Search code examples
grafanalogstash-grokprometheus

Grok exporter count doesn't decreases even if there are no errors currently


We have configured Grok exporter to monitor errors from the web service logs. We see that even when there are NO errors it still prints the past count of errors.

We have used "gauge" as the metric type and polling the log file every 5 secs.

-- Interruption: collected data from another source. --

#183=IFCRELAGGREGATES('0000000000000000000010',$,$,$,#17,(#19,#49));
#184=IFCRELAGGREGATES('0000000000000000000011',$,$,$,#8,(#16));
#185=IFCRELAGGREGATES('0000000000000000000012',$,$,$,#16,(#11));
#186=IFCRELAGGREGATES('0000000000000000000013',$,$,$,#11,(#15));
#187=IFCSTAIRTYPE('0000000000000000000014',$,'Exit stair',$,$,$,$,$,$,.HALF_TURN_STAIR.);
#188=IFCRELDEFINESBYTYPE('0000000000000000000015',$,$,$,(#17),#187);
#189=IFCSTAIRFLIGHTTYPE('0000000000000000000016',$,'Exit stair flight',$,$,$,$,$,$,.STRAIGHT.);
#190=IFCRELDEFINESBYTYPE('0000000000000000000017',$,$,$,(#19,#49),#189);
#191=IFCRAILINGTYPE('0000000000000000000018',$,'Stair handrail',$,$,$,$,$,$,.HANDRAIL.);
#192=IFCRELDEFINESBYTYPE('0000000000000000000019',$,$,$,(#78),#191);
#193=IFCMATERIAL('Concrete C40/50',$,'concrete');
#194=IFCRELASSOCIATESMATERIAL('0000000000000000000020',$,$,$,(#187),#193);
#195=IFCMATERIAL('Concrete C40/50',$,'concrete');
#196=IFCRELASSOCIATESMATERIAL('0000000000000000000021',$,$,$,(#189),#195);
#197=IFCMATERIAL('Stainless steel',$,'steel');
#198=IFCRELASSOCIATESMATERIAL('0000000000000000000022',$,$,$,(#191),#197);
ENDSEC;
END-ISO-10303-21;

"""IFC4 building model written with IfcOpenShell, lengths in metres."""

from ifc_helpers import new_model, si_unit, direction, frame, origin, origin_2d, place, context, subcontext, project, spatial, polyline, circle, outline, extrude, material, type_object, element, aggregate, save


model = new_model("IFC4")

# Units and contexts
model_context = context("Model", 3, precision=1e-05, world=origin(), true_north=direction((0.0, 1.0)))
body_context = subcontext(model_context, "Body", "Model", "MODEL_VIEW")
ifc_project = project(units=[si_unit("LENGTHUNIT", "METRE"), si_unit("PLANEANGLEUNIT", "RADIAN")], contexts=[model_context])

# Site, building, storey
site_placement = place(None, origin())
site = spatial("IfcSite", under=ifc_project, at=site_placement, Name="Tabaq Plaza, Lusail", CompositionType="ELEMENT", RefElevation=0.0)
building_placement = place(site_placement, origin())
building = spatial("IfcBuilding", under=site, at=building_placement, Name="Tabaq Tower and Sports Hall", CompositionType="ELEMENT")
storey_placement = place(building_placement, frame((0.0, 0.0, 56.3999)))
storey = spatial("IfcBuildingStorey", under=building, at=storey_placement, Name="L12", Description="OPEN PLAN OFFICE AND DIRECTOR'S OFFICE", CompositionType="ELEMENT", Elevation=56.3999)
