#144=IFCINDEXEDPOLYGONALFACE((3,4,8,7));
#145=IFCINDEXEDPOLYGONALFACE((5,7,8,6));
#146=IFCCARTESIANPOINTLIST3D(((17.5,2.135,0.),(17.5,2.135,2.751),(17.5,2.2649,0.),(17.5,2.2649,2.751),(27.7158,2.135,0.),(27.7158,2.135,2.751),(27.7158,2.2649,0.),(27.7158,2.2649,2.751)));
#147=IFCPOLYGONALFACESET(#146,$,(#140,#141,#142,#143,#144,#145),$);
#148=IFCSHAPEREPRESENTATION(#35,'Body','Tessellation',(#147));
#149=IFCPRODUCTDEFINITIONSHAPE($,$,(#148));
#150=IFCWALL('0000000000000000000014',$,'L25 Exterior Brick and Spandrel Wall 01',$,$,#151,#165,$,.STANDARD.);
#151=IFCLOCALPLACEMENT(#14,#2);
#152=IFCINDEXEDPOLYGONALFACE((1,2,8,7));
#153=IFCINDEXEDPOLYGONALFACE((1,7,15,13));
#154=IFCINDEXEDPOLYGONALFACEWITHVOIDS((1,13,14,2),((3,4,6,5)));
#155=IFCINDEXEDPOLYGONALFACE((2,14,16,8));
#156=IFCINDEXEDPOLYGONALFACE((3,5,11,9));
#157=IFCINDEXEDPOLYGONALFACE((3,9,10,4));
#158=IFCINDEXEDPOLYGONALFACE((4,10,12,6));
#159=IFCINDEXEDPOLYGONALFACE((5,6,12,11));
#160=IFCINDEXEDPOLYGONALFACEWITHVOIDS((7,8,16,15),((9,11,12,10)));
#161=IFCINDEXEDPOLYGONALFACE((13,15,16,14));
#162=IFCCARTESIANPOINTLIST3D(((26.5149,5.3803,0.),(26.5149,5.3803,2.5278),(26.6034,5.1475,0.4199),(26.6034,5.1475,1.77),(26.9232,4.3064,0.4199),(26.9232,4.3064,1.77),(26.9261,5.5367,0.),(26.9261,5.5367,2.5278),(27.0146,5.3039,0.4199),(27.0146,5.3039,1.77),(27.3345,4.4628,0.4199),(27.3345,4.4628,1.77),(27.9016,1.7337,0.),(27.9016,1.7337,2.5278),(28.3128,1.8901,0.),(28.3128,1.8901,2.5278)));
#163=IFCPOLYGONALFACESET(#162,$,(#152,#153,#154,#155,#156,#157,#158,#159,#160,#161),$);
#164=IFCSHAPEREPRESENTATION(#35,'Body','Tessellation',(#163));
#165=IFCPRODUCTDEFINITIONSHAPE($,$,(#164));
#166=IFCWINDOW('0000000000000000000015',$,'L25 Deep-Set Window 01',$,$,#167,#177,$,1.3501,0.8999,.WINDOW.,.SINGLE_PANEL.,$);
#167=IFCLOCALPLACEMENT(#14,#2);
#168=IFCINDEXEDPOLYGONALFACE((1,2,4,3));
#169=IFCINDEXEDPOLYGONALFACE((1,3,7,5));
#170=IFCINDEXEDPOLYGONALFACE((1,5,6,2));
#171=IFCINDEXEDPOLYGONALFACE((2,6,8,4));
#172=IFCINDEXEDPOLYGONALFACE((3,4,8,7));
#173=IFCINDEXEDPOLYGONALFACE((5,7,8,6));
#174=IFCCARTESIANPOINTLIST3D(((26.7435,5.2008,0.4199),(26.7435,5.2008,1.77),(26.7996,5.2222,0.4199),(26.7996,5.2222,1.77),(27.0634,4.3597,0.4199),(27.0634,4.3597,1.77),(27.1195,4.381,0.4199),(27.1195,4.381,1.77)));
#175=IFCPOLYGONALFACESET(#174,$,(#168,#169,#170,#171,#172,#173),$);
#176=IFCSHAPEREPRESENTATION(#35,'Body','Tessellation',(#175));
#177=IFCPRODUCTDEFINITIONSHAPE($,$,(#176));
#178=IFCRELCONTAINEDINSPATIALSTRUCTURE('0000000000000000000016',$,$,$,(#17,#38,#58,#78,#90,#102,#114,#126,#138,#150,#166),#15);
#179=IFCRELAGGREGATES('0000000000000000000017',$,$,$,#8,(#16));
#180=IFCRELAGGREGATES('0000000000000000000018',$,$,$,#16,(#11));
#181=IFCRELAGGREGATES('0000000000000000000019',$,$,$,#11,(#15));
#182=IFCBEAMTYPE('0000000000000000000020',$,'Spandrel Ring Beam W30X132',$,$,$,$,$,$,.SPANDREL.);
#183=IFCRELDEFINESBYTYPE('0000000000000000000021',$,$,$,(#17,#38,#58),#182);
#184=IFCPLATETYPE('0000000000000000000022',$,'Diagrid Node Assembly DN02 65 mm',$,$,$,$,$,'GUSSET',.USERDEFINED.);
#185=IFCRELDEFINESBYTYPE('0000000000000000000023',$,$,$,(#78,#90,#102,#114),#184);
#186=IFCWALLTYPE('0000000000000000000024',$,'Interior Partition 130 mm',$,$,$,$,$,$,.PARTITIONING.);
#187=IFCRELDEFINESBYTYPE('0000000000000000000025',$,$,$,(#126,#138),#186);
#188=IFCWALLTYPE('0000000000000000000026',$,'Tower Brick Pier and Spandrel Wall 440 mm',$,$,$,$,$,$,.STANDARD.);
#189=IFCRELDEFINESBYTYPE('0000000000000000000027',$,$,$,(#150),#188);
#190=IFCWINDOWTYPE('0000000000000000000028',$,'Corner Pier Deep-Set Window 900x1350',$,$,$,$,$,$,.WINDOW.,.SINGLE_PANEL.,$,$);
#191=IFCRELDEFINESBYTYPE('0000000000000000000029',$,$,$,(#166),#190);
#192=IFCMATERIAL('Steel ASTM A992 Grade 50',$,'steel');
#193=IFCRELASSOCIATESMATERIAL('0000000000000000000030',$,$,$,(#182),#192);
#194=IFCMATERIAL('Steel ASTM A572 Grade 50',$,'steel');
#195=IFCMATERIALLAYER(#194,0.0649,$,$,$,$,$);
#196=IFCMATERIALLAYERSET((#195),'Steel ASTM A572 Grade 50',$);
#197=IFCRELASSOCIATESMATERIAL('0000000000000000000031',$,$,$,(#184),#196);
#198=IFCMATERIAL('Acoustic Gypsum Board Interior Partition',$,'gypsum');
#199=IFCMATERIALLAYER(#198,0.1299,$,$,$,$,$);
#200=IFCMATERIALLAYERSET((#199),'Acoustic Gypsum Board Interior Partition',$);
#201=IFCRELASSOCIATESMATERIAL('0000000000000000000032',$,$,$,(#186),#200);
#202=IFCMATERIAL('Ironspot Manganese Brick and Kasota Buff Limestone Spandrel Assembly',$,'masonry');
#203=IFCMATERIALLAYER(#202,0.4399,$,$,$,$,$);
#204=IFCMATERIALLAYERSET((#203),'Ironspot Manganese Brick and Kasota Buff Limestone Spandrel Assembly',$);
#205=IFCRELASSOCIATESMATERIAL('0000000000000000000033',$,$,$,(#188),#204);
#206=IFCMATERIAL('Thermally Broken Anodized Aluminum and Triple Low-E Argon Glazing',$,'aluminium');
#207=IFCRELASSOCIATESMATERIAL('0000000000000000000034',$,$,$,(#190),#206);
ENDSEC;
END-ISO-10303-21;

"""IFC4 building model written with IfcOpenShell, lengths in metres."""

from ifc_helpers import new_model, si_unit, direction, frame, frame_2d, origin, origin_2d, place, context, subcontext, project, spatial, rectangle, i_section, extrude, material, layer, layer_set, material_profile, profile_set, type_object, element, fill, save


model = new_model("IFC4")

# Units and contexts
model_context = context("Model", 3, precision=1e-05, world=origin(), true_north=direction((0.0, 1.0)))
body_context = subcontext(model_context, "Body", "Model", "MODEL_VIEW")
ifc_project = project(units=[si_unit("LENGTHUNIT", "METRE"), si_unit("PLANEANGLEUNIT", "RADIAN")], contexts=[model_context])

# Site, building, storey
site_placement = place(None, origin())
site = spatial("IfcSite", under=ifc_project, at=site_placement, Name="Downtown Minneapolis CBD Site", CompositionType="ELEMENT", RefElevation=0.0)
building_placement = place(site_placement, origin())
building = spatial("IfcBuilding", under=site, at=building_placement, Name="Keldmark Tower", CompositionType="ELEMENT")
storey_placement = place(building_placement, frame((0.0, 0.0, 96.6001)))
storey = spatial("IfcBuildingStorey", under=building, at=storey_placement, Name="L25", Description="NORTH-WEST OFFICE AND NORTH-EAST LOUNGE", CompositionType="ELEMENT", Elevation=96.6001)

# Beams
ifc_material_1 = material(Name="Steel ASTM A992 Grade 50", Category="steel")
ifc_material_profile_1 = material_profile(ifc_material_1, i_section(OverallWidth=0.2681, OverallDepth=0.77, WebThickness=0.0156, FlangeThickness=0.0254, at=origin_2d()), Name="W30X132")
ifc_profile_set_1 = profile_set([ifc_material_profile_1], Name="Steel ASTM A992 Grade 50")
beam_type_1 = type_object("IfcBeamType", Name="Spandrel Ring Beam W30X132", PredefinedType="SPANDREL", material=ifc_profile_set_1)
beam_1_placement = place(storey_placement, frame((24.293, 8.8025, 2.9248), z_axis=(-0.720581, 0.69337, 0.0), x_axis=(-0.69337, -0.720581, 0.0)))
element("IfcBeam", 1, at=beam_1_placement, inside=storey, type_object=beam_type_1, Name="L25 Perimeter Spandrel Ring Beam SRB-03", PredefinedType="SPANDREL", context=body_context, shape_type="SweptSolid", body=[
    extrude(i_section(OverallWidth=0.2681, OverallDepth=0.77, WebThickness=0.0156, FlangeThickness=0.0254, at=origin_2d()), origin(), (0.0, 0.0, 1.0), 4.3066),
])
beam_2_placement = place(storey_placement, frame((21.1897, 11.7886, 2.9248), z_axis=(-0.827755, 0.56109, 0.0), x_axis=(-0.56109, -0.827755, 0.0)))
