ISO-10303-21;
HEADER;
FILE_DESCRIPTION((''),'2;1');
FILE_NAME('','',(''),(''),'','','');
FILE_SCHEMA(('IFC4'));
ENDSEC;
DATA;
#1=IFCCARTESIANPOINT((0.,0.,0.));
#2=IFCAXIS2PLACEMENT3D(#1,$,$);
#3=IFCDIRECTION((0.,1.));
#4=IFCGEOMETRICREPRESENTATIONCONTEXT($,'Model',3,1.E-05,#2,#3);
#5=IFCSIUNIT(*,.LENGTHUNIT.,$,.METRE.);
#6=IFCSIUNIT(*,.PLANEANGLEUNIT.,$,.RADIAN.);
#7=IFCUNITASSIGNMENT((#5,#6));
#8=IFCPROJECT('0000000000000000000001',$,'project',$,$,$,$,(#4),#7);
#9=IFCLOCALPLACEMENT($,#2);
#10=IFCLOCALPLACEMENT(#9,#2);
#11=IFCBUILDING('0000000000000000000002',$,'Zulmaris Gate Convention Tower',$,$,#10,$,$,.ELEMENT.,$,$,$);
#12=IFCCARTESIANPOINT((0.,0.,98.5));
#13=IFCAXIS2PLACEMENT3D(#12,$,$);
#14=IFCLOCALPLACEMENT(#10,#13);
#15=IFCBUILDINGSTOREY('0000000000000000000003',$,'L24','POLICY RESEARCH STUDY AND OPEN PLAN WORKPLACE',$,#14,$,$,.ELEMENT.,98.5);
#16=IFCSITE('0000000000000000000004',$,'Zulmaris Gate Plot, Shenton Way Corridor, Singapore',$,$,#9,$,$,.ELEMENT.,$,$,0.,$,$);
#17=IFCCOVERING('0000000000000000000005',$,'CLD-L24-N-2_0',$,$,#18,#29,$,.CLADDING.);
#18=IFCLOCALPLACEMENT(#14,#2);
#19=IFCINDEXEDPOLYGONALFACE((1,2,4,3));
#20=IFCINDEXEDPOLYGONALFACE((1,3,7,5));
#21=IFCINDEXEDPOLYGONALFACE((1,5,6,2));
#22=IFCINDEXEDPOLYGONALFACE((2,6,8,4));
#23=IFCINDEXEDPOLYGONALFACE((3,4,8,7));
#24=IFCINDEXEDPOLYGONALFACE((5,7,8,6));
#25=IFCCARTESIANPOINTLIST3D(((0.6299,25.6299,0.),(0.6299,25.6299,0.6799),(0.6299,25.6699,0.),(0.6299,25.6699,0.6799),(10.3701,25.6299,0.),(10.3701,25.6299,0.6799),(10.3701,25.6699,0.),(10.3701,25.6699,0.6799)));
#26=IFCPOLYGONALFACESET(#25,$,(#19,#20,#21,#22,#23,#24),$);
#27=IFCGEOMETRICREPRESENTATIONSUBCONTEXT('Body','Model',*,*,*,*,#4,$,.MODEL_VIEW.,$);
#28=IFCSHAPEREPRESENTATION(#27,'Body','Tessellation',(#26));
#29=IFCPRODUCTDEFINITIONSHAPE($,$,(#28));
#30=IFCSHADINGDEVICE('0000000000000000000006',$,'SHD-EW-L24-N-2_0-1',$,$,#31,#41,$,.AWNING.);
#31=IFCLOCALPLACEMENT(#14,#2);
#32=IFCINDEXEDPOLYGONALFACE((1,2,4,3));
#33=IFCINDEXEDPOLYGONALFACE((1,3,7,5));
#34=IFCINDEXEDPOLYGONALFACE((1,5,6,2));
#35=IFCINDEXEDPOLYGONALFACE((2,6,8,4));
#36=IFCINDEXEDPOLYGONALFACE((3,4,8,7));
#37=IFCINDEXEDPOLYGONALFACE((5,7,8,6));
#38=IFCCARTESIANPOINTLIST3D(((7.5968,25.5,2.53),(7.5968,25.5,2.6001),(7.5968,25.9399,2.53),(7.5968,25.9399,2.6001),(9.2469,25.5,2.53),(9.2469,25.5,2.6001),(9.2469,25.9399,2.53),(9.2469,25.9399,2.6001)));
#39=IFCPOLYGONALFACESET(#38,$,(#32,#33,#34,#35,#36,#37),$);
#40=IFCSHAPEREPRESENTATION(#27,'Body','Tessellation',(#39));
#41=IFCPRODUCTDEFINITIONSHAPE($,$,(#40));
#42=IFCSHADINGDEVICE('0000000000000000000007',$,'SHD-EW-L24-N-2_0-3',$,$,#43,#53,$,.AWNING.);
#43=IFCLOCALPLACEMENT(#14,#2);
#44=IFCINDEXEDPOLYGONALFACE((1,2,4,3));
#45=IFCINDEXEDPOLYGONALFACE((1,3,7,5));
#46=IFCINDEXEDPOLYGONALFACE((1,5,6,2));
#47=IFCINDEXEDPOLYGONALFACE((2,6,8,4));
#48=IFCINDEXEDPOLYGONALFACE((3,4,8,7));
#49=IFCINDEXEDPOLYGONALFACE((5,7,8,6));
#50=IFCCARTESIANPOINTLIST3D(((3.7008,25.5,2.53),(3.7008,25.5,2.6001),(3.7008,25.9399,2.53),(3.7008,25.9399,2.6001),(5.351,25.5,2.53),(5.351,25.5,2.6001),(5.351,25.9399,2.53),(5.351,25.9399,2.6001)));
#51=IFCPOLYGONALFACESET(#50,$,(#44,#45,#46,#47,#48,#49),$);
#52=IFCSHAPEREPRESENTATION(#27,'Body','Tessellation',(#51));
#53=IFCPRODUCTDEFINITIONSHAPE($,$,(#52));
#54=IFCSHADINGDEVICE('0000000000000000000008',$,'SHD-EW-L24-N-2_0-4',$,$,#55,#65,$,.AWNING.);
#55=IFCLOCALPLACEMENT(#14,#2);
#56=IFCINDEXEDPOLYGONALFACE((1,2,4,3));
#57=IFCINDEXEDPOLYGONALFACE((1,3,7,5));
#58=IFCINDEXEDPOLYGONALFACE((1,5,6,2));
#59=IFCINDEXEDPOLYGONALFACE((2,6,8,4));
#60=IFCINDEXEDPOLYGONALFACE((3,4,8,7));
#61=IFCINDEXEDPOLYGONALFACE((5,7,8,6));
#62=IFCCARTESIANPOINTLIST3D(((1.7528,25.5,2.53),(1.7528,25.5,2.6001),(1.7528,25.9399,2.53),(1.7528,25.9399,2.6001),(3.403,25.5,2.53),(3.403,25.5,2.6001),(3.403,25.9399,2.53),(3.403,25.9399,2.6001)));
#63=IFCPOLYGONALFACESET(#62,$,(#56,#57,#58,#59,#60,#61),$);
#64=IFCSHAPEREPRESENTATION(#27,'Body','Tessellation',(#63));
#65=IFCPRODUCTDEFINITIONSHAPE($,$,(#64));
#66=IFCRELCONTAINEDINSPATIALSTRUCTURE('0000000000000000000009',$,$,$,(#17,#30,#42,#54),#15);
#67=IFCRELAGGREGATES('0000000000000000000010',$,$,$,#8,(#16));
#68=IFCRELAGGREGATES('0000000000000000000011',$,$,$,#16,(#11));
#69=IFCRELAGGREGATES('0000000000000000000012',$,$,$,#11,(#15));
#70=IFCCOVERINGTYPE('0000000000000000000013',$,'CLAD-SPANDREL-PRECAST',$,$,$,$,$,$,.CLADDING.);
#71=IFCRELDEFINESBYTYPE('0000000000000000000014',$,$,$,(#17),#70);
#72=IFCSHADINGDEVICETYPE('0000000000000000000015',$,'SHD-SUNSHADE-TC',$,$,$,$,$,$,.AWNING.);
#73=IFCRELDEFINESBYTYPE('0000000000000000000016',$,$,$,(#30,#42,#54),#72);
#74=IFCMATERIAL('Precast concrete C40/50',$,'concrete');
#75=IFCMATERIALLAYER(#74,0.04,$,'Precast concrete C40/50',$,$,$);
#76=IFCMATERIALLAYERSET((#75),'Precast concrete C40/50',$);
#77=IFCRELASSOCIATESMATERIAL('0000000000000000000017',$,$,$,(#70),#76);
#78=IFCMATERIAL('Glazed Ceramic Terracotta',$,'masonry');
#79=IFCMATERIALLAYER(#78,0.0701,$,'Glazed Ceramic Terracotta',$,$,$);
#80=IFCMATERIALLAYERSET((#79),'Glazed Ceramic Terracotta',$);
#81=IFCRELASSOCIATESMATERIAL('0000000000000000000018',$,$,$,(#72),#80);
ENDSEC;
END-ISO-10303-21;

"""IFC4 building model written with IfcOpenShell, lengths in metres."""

from ifc_helpers import new_model, si_unit, direction, frame, frame_2d, origin, place, context, subcontext, project, spatial, rectangle, extrude, material, layer, layer_set, type_object, element, save


model = new_model("IFC4")

# Units and contexts
model_context = context("Model", 3, precision=1e-05, world=origin(), true_north=direction((0.0, 1.0)))
body_context = subcontext(model_context, "Body", "Model", "MODEL_VIEW")
ifc_project = project(units=[si_unit("LENGTHUNIT", "METRE"), si_unit("PLANEANGLEUNIT", "RADIAN")], contexts=[model_context])

# Site, building, storey
site_placement = place(None, origin())
site = spatial("IfcSite", under=ifc_project, at=site_placement, Name="Zulmaris Gate Plot, Shenton Way Corridor, Singapore", CompositionType="ELEMENT", RefElevation=0.0)
building_placement = place(site_placement, origin())
building = spatial("IfcBuilding", under=site, at=building_placement, Name="Zulmaris Gate Convention Tower", CompositionType="ELEMENT")
storey_placement = place(building_placement, frame((0.0, 0.0, 98.5)))
storey = spatial("IfcBuildingStorey", under=building, at=storey_placement, Name="L24", Description="POLICY RESEARCH STUDY AND OPEN PLAN WORKPLACE", CompositionType="ELEMENT", Elevation=98.5)

# Shared definitions
ifc_material_1 = material(Name="Precast concrete C40/50", Category="concrete")

# Covering
ifc_layer_1 = layer(ifc_material_1, 0.04, Name="Precast concrete C40/50")
ifc_layer_set_1 = layer_set([ifc_layer_1], Name="Precast concrete C40/50")
covering_type = type_object("IfcCoveringType", Name="CLAD-SPANDREL-PRECAST", PredefinedType="CLADDING", material=ifc_layer_set_1)
covering_placement = place(storey_placement, frame((10.3701, 25.6499, 0.0), z_axis=(0.0, 0.0, 1.0), x_axis=(-1.0, 0.0, 0.0)))
element("IfcCovering", 1, at=covering_placement, inside=storey, type_object=covering_type, Name="CLD-L24-N-2_0", PredefinedType="CLADDING", context=body_context, shape_type="SweptSolid", body=[
    extrude(rectangle(XDim=9.7402, YDim=0.04, at=frame_2d((4.8701, 0.0))), origin(), (0.0, 0.0, 1.0), 0.6799),
])

# Shading devices
ifc_material_2 = material(Name="Glazed Ceramic Terracotta", Category="masonry")
ifc_layer_2 = layer(ifc_material_2, 0.0701, Name="Glazed Ceramic Terracotta")
ifc_layer_set_2 = layer_set([ifc_layer_2], Name="Glazed Ceramic Terracotta")
shading_device_type = type_object("IfcShadingDeviceType", Name="SHD-SUNSHADE-TC", PredefinedType="AWNING", material=ifc_layer_set_2)
for number, where, z_axis, x_axis, name in (
    (2, (9.2471, 25.72, 2.53), (0.0, 0.0, 1.0), (-1.0, 0.0, 0.0), "SHD-EW-L24-N-2_0-1"),
    (3, (5.3511, 25.72, 2.53), (0.0, 0.0, 1.0), (-1.0, 0.0, 0.0), "SHD-EW-L24-N-2_0-3"),
    (4, (3.4031, 25.72, 2.53), (0.0, 0.0, 1.0), (-1.0, 0.0, 0.0), "SHD-EW-L24-N-2_0-4"),
):
    element("IfcShadingDevice", number, at=place(storey_placement, frame(where, z_axis=z_axis, x_axis=x_axis)), inside=storey, type_object=shading_device_type, Name=name, PredefinedType="AWNING", context=body_context, shape_type="SweptSolid", body=[
        extrude(rectangle(XDim=1.6501, YDim=0.4399, at=frame_2d((0.8252, 0.0))), origin(), (0.0, 0.0, 1.0), 0.0701),
    ])

save(model, "model.ifc")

Please see the config.yml below:

global:
  config_version: 2
input:
  type: file
  path: /ZAMBAS/logs/Healthcheck/AI/ai_17_grafana.log
  readall: true
  poll_interval_seconds: 5

grok:
  patterns_dir: ./patterns

metrics:
    - type: counter
      name: OutOfThreads
      help: Counter metric example with labels.
      match: '%{GREEDYDATA} WARN!! OUT OF THREADS: %{GREEDYDATA}'

    - type: counter
      name: OutOfMemory
      help: Counter metric example with labels.
      match: '%{GREEDYDATA}: Java heap space'

    - type: gauge
      name: NoMoreEndpointPrefix
      help: Counter metric example with labels.
      match: '%{GREEDYDATA}: APPL%{NUMBER:val1}: IO Exception: Connection refused %{GREEDYDATA}'
      value: '{{.val1}}'
      cumulative: false


    - type: gauge
      name: IOExceptionConnectionReset
      help: Counter metric example with labels.
      match: '   <faultstring>APPL%{NUMBER:val3}: IO Exception: Connection reset'
      value: '{{.val3}}'
      cumulative: false


    - type: gauge
      name: IOExceptionReadTimedOut
      help: Counter metric example with labels.
      match: '   <faultstring>APPL%{NUMBER:val4}: IO Exception: Read timed out'
      value: '{{.val4}}'
      cumulative: false


    - type: gauge
      name: FailedToConnectTo
      help: Counter metric example with labels.
      match: "   <faultstring>RUNTIME0013: Failed to connect to '%{URI:val5}"
      value: '{{.val5}}'
      cumulative: false

server:
port: 9244



Output:

grok_exporter_lines_matching_total{metric="FailedToConnectTo"} 0
grok_exporter_lines_matching_total{metric="IOExceptionConnectionReset"} 0
grok_exporter_lines_matching_total{metric="IOExceptionReadTimedOut"} 3
grok_exporter_lines_matching_total{metric="NoMoreEndpointPrefix"} 0
grok_exporter_lines_matching_total{metric="OutOfMemory"} 0
grok_exporter_lines_matching_total{metric="OutOfThreads"} 0

Say, for 1 hr there were No errors, still it shows '3' errors and when an error does occurs it keeps adding up. So in total it becomes 4 and so on..it keeps on adding :(

I want grok to show only the present data without adding previous values.

Please help us here on what am I doing wrong.

Thanks Priyotosh


Solution

  • This is the correct behaviour. What you want to do is use the rate() function in Prometheus to calculate how many relevant log lines there are per second. For example rate(OutOfThreads[5m]).